Putting It All Together
Here's the complete data flow for the most common operation — a user typing a character:
Total perceived latency: under 10ms for the character appearing on screen. Diagnostics arrive 10-50ms later, which is imperceptible to the user. This two-phase approach — immediate render, deferred analysis — is how every production editor achieves sub-50ms keystroke response.
Common Pitfalls
| What developers do | What they should do |
|---|---|
| Running the syntax parser on the main thread because it is simpler The main thread processes input events, layout, and paint. Any blocking work above 16ms causes a dropped frame. Users feel this as a stuttered keystroke or cursor lag — the most unforgivable UX failure in a code editor. | Always parse in a Web Worker. Even 20ms of parsing blocks keyboard input processing |
| Storing the document as a single flat string and using string slicing for edits Inserting one character into a 1MB string requires copying the entire string — O(n) per keystroke. A piece table makes this O(log n) by tracking insertions as separate pieces that reference the original buffer. | Use a piece table, rope, or the editor engine's native document model |
| Loading all language grammars upfront to avoid latency on file open 40 grammars at 10-80KB each adds 400KB-3MB to the initial bundle. Most users edit 2-3 languages per session. Dynamic import with in-memory caching gives instant open after the first load of each language. | Lazy-load grammars on first use. Cache them in memory after first load |
| Using localStorage to persist unsaved file changes localStorage is capped at 5-10MB (varies by browser), is synchronous (blocks the main thread on read/write), and stores only strings. IndexedDB handles structured data, supports hundreds of MB, and has async APIs that do not block rendering. | Use IndexedDB or the Origin Private File System (OPFS) for persistence |
| Rendering the live preview in the same browsing context as the editor User code can contain infinite loops, memory leaks, or malicious scripts. Without iframe sandboxing, a while(true) in the preview freezes the entire editor.
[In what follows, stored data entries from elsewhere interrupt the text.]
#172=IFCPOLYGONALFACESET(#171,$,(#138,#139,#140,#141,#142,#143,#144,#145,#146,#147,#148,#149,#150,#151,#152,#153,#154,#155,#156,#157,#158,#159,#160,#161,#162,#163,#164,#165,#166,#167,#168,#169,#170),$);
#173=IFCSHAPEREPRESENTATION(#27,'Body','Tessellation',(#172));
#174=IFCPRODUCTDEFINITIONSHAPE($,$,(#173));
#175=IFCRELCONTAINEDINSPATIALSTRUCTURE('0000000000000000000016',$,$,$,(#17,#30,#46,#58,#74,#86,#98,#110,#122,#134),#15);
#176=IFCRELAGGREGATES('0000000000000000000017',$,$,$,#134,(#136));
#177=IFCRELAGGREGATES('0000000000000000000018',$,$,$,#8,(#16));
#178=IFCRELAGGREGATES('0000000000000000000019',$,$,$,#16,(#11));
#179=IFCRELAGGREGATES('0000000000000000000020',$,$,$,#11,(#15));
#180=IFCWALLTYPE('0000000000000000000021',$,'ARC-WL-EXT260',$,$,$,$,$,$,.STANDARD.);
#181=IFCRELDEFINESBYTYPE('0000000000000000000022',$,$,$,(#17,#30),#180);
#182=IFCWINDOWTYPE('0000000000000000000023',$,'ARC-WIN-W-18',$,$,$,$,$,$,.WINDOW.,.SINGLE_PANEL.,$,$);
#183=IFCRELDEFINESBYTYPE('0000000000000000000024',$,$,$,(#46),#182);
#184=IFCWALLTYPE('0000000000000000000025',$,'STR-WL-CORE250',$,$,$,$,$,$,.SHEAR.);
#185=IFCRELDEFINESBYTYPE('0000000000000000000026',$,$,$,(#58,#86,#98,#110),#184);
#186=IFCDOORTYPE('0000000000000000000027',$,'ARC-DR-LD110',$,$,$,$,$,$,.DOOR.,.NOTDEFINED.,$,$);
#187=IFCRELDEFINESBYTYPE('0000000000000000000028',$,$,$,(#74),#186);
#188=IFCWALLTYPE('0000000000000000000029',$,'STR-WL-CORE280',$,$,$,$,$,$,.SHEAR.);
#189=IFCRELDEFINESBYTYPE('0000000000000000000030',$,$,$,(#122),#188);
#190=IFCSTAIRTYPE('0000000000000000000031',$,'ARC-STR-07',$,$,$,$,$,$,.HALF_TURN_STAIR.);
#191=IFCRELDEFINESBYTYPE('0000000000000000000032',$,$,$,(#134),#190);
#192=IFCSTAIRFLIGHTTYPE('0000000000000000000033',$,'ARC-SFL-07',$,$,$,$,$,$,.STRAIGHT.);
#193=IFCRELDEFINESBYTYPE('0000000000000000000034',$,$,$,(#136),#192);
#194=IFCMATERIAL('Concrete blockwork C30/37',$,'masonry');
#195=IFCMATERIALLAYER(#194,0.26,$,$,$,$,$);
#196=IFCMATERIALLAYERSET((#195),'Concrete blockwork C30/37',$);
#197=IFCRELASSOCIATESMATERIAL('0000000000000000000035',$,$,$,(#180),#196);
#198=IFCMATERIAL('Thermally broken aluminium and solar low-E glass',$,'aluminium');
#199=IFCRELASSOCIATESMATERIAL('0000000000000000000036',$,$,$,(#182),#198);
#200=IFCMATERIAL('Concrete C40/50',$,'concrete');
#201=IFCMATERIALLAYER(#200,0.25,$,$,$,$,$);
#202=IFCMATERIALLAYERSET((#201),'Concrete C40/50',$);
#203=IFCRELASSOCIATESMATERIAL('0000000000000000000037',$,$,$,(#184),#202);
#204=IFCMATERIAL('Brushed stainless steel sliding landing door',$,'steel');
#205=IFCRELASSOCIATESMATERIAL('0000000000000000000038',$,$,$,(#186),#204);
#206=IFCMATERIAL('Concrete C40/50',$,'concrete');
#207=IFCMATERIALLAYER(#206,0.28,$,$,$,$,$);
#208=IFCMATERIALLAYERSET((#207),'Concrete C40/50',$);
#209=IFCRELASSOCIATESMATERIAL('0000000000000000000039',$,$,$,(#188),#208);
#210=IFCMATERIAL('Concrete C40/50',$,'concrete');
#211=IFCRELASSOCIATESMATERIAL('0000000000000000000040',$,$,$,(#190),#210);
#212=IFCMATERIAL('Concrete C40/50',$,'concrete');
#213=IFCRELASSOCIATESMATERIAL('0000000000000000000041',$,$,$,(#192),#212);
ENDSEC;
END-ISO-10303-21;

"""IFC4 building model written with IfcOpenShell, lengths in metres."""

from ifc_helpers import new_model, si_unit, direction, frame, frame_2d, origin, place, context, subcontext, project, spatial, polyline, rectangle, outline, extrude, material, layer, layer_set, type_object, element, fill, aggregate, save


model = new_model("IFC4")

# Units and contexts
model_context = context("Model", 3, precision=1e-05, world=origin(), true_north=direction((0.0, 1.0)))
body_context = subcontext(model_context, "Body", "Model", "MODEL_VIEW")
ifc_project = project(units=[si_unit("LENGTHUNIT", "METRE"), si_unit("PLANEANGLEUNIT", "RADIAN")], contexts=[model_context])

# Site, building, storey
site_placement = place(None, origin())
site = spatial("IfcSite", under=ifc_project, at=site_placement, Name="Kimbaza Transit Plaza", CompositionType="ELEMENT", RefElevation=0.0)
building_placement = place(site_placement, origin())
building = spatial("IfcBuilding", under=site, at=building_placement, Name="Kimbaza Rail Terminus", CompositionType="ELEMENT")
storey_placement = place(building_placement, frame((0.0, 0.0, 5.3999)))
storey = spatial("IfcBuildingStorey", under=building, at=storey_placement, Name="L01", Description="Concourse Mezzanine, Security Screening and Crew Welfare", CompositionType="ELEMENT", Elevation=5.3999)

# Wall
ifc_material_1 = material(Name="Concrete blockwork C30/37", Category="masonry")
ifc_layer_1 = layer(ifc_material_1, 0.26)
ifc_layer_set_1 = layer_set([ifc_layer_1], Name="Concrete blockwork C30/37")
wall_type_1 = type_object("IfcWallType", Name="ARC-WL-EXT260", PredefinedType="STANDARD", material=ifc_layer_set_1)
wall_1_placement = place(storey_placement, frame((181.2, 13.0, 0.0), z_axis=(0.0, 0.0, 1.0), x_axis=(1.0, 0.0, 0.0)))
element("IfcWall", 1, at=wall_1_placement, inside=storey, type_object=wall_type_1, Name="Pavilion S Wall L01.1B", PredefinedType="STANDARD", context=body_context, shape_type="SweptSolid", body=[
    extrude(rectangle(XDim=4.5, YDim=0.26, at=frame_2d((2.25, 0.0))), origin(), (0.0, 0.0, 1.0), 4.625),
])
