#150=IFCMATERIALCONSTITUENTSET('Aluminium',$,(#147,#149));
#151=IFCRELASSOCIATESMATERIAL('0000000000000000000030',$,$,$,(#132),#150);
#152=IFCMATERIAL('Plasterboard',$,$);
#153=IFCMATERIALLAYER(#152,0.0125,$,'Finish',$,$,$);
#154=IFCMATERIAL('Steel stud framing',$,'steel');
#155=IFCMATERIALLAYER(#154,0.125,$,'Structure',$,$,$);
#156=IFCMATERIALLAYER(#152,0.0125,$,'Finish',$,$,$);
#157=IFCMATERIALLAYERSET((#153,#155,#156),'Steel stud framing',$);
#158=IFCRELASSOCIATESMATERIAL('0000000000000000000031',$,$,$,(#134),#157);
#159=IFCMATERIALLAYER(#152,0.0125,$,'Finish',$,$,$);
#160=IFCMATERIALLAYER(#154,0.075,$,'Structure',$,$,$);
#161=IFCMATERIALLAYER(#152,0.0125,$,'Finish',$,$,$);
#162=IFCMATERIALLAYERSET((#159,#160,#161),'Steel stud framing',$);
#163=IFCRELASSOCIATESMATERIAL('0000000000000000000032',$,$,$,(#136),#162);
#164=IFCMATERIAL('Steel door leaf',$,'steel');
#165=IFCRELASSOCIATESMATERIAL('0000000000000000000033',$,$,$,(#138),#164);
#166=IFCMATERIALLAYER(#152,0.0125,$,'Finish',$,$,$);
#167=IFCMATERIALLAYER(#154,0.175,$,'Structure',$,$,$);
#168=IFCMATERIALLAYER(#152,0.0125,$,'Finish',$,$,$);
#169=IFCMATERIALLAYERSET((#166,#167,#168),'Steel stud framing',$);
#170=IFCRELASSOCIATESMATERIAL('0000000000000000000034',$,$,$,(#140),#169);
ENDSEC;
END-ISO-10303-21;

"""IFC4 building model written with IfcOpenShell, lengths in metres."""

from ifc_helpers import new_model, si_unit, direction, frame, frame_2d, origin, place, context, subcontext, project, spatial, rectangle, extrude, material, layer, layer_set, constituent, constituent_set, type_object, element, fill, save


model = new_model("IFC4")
A sandboxed iframe runs in a separate process — you can kill it and respawn without losing editor state. | Always use a sandboxed iframe with the sandbox attribute for preview |
Key Rules for Code Editor System Design
- 1The editor engine is a buy-not-build decision. Use CodeMirror 6 for modularity and mobile, Monaco for VS Code compatibility. Never build a syntax-highlighting text editor from scratch
- 2Main thread is sacred — it handles only rendering and input. Parsing, linting, formatting, type-checking, and file I/O all belong in Web Workers
- 3Viewport-based rendering is non-negotiable for large files. Only DOM nodes inside the visible viewport plus a small buffer should exist. Calculate scroll position mathematically
- 4Use immutable state transactions for the document model. It gives you undo/redo, collaboration readiness, and time-travel debugging with zero extra architecture
- 5Incremental parsing with Tree-sitter (compiled to WASM) turns O(n) full-file reparses into O(changed region) updates — the difference between 40ms and 0.5ms per keystroke
- 6Lazy-load everything that is not needed for first render: language grammars, themes, extensions, terminal, preview pane. The editor should be interactive in under 3 seconds
Interview Tip: How to Present This
In a system design interview, you have 35-45 minutes. Here's how to allocate time:
- Requirements (5 min) — Clarify scope, list functional requirements, pin non-functional targets. This shows maturity.
- Architecture (10 min) — Draw the component tree, explain the editor engine choice with tradeoffs, describe the worker topology.
- Data Model (10 min) — Walk through the file system abstraction, editor state per tab, and collaboration model (if in scope).
- Interface (5 min) — LSP communication, terminal I/O, preview iframe protocol.
- Optimizations (10 min) — This is where you shine. Viewport rendering, incremental parsing, lazy loading. Show you understand what makes the difference between a demo and a production system.